Slavic invasions of the region began in the 5th century CE, as Rome fell, and lasted until the 7th century CE. The Bulgar tribes established the First Bulgarian Empire in the region in 681 CE, which lasted until 1018 CE when the region was conquered by the Byzantine Empire. The Byzantines held it until 1453 CE when it was defeated by the Ottomans, who established themselves in the region as part of their empire and held it until the twentieth century CE.

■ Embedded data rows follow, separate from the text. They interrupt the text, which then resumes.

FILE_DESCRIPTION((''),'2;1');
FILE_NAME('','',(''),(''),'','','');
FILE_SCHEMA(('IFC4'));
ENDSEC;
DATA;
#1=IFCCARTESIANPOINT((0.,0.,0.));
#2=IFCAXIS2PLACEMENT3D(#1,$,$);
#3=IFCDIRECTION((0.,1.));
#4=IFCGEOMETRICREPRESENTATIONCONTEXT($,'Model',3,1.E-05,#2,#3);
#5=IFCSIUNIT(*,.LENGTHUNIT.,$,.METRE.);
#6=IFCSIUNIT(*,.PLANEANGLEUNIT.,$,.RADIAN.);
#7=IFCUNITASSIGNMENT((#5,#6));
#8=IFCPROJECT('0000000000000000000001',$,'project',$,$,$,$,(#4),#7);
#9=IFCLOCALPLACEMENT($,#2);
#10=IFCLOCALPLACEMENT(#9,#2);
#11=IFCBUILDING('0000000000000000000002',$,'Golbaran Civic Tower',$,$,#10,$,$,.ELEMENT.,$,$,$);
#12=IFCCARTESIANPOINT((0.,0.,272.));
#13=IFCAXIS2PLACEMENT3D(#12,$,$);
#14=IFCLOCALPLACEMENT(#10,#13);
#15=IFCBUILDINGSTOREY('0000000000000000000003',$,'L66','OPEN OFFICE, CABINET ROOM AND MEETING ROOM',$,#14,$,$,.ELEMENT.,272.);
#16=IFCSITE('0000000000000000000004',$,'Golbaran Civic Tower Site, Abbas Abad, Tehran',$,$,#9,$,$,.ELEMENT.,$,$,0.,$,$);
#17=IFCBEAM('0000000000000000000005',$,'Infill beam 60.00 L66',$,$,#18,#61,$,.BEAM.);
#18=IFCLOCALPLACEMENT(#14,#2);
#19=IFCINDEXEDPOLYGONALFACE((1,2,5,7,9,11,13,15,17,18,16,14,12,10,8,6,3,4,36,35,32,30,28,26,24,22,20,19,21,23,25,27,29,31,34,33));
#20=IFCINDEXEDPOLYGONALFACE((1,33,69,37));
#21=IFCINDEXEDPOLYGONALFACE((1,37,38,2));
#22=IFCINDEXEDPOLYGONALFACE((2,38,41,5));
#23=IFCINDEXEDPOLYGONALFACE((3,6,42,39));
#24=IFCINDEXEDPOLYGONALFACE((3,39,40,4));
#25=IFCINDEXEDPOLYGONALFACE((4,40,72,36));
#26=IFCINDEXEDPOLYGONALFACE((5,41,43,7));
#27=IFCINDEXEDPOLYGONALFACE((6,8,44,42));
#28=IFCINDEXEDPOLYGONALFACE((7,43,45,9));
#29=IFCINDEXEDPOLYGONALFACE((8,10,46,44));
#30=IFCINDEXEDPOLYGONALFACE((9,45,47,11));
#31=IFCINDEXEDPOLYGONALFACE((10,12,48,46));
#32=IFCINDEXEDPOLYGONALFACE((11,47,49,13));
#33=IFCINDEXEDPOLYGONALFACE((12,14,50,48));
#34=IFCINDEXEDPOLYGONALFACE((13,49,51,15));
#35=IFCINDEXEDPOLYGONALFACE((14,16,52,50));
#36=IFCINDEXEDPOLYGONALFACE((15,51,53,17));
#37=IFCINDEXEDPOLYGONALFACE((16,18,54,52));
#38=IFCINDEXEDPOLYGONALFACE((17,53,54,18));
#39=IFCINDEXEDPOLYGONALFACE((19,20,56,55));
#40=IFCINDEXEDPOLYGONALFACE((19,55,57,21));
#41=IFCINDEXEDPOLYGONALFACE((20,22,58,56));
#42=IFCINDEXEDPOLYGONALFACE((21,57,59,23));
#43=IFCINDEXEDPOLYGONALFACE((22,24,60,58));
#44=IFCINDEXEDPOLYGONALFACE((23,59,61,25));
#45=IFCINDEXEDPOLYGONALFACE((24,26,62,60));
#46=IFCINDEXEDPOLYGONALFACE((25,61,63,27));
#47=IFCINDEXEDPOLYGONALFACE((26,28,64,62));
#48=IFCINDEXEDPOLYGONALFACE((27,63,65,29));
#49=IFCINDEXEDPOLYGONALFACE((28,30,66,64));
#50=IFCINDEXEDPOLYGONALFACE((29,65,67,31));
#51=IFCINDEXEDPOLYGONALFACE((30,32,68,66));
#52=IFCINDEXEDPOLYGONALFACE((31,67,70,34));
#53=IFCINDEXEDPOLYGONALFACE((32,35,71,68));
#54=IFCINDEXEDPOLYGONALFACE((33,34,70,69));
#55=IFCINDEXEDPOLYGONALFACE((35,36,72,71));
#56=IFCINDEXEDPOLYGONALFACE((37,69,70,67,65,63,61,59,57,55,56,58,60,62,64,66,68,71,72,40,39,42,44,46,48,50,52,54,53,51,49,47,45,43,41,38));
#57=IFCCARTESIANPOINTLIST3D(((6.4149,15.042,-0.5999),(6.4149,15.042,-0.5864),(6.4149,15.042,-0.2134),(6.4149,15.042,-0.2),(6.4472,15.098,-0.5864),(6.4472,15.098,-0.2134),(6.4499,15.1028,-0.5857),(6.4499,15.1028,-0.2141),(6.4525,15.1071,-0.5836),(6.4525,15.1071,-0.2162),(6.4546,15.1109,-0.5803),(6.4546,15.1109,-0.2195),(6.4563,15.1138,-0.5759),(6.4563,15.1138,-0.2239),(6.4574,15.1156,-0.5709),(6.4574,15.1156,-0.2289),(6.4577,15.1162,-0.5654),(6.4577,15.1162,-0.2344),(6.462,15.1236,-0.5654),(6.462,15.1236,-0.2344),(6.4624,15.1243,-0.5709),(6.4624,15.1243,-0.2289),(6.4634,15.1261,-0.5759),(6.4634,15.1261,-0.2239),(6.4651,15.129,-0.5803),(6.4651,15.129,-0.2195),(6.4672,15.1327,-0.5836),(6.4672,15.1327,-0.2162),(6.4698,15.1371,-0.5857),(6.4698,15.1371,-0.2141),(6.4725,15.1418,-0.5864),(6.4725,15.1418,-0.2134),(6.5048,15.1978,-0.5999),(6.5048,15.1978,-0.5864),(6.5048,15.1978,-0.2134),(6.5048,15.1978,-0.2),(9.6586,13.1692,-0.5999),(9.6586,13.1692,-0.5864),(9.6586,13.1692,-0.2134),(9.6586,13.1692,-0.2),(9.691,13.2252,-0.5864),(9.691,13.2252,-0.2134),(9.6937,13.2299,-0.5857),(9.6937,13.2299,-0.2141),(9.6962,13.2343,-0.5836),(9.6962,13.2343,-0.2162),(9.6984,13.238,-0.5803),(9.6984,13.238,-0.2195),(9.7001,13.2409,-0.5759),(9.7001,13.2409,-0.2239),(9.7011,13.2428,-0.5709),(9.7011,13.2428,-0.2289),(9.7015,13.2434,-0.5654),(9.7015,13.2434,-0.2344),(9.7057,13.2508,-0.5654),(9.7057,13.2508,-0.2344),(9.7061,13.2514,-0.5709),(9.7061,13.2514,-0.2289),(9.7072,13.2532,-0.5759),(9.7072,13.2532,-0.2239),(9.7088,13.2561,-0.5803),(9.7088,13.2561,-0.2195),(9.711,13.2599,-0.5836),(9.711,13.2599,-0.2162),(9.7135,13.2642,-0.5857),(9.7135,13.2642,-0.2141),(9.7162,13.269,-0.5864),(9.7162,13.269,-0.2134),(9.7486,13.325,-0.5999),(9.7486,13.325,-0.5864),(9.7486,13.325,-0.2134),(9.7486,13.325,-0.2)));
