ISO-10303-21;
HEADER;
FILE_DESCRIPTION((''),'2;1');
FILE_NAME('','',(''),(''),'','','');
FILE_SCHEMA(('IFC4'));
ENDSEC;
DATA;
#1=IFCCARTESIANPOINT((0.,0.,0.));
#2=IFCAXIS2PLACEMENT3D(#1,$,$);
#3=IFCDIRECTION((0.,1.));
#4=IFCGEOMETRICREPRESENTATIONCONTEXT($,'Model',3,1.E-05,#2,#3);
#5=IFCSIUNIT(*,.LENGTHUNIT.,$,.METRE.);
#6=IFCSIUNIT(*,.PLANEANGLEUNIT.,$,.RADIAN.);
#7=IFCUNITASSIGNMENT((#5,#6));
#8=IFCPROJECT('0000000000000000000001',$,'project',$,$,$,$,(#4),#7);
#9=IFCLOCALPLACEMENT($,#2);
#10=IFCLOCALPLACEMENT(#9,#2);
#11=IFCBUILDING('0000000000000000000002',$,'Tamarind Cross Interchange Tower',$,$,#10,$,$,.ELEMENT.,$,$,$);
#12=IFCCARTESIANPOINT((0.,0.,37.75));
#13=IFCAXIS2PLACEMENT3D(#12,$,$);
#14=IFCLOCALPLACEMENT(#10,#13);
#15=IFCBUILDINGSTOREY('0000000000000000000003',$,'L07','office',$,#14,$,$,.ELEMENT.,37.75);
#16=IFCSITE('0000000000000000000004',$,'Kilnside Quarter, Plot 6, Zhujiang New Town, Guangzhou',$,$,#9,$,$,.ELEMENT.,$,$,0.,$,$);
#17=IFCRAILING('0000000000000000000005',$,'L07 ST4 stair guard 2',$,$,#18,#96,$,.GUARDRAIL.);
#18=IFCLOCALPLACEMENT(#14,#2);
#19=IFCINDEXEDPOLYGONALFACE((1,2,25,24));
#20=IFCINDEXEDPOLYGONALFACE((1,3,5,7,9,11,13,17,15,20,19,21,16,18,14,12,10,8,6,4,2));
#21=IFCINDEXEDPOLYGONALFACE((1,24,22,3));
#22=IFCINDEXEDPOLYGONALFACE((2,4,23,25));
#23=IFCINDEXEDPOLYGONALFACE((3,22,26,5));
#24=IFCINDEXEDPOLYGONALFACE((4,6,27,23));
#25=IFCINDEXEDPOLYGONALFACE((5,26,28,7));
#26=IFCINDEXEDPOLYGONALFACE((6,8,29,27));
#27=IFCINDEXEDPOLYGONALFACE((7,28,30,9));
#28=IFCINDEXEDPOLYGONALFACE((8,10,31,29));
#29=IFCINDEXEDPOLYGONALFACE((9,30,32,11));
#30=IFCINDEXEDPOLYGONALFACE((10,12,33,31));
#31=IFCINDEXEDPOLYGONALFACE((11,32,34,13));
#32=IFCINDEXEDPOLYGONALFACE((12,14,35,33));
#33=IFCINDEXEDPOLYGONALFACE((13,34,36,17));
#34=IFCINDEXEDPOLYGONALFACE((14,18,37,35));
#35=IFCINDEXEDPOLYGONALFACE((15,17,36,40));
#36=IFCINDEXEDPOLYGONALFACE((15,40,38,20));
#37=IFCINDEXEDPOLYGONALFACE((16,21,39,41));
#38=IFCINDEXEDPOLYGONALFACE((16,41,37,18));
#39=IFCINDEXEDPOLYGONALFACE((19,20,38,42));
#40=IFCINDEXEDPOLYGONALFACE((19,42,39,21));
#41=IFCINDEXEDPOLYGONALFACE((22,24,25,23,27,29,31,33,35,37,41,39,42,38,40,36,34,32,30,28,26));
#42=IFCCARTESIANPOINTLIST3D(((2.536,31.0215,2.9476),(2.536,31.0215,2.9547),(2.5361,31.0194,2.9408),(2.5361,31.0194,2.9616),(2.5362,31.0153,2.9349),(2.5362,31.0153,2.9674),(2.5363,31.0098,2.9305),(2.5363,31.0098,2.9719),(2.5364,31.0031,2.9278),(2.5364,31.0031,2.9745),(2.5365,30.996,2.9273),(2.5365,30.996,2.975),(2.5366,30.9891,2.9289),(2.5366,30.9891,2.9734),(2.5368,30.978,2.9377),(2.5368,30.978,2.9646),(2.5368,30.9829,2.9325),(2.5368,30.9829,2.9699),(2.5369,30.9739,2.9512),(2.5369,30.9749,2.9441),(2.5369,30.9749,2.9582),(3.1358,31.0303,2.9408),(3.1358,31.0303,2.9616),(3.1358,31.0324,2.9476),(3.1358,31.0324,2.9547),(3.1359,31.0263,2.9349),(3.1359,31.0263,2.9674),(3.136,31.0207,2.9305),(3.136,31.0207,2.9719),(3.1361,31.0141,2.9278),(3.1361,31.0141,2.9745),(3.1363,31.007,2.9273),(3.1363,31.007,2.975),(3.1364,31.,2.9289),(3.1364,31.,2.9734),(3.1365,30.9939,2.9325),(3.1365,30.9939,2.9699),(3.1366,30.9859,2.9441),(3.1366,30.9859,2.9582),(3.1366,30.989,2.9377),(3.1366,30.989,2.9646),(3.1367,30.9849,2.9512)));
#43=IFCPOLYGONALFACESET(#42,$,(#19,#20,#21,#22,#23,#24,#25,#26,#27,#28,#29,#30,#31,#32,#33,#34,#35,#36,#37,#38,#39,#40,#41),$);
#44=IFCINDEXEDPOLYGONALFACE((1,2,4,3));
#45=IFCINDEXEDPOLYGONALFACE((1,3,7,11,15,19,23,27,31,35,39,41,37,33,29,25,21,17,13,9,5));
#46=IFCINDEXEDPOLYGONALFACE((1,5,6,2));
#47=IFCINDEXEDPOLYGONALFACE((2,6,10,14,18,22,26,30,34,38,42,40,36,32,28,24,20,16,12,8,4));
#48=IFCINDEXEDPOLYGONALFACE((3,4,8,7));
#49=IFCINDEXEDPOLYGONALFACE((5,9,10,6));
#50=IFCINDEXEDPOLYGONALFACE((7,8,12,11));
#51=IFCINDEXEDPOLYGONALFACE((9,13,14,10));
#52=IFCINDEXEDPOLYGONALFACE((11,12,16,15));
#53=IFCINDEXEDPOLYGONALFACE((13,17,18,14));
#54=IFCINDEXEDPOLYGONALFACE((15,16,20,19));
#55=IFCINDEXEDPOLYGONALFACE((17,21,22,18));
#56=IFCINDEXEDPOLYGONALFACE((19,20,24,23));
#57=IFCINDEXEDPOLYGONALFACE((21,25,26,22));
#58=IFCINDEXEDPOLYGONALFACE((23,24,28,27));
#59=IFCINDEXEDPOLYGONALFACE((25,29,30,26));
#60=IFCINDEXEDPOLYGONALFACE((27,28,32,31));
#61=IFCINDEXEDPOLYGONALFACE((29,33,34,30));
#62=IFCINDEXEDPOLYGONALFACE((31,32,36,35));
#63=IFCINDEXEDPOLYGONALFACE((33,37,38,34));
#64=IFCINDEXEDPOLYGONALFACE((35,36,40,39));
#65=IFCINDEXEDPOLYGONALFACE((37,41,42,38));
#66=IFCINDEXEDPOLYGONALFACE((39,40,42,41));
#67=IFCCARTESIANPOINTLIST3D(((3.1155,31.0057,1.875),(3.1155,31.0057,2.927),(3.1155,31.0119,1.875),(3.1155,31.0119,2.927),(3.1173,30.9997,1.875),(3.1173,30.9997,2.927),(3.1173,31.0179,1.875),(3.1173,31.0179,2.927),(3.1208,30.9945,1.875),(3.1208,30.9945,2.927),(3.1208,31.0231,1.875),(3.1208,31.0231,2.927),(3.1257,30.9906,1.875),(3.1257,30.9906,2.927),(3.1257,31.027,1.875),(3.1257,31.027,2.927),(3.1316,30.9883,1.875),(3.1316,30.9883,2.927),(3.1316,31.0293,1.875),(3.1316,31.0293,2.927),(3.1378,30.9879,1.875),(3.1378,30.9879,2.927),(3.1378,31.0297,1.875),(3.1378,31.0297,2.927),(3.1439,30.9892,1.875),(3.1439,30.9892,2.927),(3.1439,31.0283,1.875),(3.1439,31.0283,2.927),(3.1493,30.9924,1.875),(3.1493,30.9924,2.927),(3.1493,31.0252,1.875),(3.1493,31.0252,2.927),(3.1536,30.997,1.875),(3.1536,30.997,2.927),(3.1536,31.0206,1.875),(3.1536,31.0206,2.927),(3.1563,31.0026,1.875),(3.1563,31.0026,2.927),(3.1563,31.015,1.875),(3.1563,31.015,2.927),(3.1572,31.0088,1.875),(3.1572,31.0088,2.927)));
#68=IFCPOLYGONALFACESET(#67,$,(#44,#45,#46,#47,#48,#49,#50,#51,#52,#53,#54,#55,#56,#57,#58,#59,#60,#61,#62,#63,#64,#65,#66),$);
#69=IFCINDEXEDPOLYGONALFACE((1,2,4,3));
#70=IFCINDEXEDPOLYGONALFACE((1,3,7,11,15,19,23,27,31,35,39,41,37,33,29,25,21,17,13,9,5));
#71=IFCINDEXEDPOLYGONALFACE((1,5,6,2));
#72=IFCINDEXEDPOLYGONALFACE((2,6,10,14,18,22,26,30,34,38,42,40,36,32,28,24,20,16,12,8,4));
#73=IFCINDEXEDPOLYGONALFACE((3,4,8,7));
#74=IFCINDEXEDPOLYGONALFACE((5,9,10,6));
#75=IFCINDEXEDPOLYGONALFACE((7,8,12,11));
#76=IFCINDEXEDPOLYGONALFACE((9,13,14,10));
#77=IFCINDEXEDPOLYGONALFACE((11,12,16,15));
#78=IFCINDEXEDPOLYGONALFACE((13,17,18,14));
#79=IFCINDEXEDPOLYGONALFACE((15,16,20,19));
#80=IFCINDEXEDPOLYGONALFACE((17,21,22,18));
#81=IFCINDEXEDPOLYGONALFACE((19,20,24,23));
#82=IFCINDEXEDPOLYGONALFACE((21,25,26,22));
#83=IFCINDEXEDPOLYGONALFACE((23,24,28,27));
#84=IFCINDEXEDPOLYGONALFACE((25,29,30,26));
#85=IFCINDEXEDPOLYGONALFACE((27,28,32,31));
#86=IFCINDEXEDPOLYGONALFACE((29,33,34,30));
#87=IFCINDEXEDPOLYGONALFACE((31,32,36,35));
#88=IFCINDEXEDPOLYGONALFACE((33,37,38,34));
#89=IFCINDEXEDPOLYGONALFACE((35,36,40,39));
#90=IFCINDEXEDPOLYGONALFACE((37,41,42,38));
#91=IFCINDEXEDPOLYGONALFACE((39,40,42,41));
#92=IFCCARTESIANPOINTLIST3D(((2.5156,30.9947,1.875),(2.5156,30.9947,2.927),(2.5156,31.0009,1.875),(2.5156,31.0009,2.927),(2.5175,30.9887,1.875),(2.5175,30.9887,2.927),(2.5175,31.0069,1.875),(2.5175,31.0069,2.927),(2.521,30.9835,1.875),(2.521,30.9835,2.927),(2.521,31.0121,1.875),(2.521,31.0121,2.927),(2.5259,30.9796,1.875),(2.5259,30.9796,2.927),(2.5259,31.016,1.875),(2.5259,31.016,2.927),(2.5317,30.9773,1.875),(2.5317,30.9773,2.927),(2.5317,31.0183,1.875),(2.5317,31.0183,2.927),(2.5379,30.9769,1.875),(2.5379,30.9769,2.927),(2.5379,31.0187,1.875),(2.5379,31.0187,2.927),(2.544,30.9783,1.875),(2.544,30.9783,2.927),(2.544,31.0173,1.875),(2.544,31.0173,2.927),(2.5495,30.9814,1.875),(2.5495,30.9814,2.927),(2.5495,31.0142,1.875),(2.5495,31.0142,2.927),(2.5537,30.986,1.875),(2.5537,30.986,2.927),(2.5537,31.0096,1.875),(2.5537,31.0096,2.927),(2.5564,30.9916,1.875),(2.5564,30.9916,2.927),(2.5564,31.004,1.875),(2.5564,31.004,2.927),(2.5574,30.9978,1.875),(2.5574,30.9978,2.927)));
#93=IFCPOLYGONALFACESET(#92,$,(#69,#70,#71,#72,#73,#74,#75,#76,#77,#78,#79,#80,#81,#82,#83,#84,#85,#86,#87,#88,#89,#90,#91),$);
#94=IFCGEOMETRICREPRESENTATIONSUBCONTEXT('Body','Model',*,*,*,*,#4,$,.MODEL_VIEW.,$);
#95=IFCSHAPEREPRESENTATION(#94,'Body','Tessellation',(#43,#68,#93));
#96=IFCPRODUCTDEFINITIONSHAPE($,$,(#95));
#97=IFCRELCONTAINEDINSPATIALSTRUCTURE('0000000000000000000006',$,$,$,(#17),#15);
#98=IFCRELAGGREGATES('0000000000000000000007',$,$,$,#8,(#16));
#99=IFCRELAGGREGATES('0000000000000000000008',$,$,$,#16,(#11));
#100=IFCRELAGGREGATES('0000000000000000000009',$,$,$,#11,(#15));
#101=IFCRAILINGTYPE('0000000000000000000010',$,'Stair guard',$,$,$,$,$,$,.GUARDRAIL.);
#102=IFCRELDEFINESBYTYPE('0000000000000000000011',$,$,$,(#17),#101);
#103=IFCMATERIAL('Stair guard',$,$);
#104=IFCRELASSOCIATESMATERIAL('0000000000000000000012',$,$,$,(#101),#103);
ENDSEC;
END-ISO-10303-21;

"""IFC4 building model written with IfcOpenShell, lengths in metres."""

from ifc_helpers import new_model, si_unit, direction, frame, origin, origin_2d, place, context, subcontext, project, spatial, circle, extrude, material, type_object, element, save


model = new_model("IFC4")

# Units and contexts
model_context = context("Model", 3, precision=1e-05, world=origin(), true_north=direction((0.0, 1.0)))
body_context = subcontext(model_context, "Body", "Model", "MODEL_VIEW")
ifc_project = project(units=[si_unit("LENGTHUNIT", "METRE"), si_unit("PLANEANGLEUNIT", "RADIAN")], contexts=[model_context])

# Site, building, storey
site_placement = place(None, origin())
site = spatial("IfcSite", under=ifc_project, at=site_placement, Name="Kilnside Quarter, Plot 6, Zhujiang New Town, Guangzhou", CompositionType="ELEMENT", RefElevation=0.0)
building_placement = place(site_placement, origin())
building = spatial("IfcBuilding", under=site, at=building_placement, Name="Tamarind Cross Interchange Tower", CompositionType="ELEMENT")
storey_placement = place(building_placement, frame((0.0, 0.0, 37.75)))
storey = spatial("IfcBuildingStorey", under=building, at=storey_placement, Name="L07", Description="office", CompositionType="ELEMENT", Elevation=37.75)

# Railing
ifc_material_1 = material(Name="Stair guard")
railing_type_1 = type_object("IfcRailingType", Name="Stair guard", PredefinedType="GUARDRAIL", material=ifc_material_1)
railing_1_placement = place(storey_placement, frame((3.1362, 31.0088, 1.875)))
element("IfcRailing", 1, at=railing_1_placement, inside=storey, type_object=railing_type_1, Name="L07 ST4 stair guard 2", PredefinedType="GUARDRAIL", context=body_context, shape_type="SweptSolid", body=[
    extrude(circle(Radius=0.0239, at=origin_2d()), frame((0.0, 0.0, 1.0762), z_axis=(-0.999832, -0.018312, 0.0), x_axis=(0.018312, -0.999832, 0.0)), (0.0, 0.0, 1.0), 0.5999),
    extrude(circle(Radius=0.021, at=origin_2d()), origin(), (0.0, 0.0, 1.0), 1.052),
    extrude(circle(Radius=0.021, at=origin_2d()), frame((-0.5999, -0.011, 0.0)), (0.0, 0.0, 1.0), 1.052),
])

save(model, "model.ifc")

After much conflict, the region eventually split into separate political and ethnic entities that now include Greece, Albania, Bulgaria, Kosovo, Serbia, and Yugoslavia. The Republic of Macedonia was established in 1991 CE in an area that had previously been part of Alexander the Great’s Macedonian Empire. The region’s legacy was the Hellenization of the ancient world by Alexander’s armies, who used what was given to them to significantly impact and influence others for generations; a paradigm that exemplifies the people of the land up to the present day.